ITEM 3. QUANTITATIVE AND QUALITATIVE DISCLOSURES ABOUT MARKET RISK
On July 26, 2001, we entered into interest rate swap agreements with three banks that effectively convert a portion of our variable rate debt to a fixed rate of 4.52%, excluding our applicable margin, through July 2003. We entered into interest rate swap agreements as a means to reduce the impact of interest rate changes on future interest expense. All of our outstanding debt ($30.0 million) was hedged under the interest rate swap agreements at March 30, 2003. We are exposed to financial market risks, including changes in interest rates and foreign currency exchange rates. Excluding borrowings hedged by the interest rate swap agreements, any additional borrowings under our credit agreement would bear interest at a variable rate based on the prime rate, the London Interbank Offered Rate, or certain alternative short-term rates, plus a margin (1.0% at March 30, 2003) based upon our leverage ratio. An increase in interest rates of 100 basis points would result in no additional interest expense for amounts borrowed as of March 30, 2003, because variable rate interest payments under all debt outstanding at March 30, 2003 were hedged by the swap. The vast majority of our transactions are denominated in U.S. dollars. As such, fluctuations in foreign currency exchange rates have historically had little impact on us. Inflation has not been a significant factor in our operations in any of the periods presented, and it is not expected to affect operations in the foreseeable future.
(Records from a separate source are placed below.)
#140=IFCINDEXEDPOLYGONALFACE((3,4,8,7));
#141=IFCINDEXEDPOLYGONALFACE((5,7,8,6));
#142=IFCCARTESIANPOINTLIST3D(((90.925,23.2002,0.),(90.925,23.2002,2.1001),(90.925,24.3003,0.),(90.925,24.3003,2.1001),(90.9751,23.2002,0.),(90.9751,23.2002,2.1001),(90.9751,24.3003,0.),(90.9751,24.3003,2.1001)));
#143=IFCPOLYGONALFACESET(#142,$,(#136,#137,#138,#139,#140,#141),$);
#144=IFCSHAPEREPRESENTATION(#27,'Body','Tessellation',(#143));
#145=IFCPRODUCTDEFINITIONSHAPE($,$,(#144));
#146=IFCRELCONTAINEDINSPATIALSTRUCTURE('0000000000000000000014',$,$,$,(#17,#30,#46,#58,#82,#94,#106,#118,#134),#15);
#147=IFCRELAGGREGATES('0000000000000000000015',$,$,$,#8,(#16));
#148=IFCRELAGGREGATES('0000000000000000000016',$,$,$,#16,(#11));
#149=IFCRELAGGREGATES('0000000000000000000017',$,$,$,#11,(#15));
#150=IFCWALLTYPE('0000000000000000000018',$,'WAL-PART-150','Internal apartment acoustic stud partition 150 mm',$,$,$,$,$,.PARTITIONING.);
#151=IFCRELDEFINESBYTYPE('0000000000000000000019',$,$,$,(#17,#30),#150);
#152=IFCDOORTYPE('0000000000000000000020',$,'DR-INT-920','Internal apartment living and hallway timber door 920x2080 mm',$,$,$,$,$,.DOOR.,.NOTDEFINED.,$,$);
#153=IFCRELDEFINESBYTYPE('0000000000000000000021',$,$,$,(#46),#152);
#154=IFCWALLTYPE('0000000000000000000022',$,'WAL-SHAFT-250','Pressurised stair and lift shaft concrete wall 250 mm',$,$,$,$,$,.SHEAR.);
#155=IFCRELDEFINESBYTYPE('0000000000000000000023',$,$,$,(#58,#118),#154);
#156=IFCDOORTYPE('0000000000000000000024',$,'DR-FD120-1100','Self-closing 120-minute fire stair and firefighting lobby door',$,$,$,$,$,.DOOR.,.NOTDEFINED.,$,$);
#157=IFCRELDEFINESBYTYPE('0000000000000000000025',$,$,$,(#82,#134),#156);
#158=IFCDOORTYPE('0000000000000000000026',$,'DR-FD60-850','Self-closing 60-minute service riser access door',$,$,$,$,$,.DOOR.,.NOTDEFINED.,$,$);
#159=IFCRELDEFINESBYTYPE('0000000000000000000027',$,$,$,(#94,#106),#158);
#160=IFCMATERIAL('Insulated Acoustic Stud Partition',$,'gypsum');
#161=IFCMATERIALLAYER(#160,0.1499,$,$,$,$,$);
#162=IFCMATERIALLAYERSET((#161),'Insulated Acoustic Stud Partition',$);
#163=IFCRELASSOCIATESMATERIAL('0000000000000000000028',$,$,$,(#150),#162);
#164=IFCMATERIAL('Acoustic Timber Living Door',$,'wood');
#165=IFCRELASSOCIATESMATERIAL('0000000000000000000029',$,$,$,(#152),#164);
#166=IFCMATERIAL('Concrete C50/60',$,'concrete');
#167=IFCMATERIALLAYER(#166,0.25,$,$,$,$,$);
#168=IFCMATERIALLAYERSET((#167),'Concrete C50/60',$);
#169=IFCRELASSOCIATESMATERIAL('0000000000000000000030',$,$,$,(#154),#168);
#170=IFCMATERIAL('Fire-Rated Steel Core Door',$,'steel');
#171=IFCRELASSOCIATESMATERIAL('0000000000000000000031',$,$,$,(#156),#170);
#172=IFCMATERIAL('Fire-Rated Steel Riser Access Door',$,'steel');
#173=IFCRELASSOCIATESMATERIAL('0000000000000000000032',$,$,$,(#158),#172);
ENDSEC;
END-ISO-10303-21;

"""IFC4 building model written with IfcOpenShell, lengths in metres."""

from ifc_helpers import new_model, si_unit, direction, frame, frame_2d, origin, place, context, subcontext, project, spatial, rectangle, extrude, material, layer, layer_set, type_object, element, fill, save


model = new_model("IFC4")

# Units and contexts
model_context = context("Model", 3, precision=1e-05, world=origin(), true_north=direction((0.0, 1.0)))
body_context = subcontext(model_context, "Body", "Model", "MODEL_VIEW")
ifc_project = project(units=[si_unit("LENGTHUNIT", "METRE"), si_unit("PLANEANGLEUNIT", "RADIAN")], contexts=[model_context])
ITEM 4. CONTROLS AND PROCEDURES
Within the 90 days prior to the filing date of this quarterly report, an evaluation was performed under the supervision and with the participation of the Companys management, including the President and Chief Executive Officer (the CEO) and the Chief Financial Officer (the CFO), of the effectiveness of the design and operation of the Companys disclosure controls and procedures. Based on that evaluation, the Companys management, including the CEO and CFO, concluded that the Companys disclosure controls and procedures were effective. There have been no significant changes in the Companys internal controls or in other factors that could significantly affect internal controls subsequent to the evaluation.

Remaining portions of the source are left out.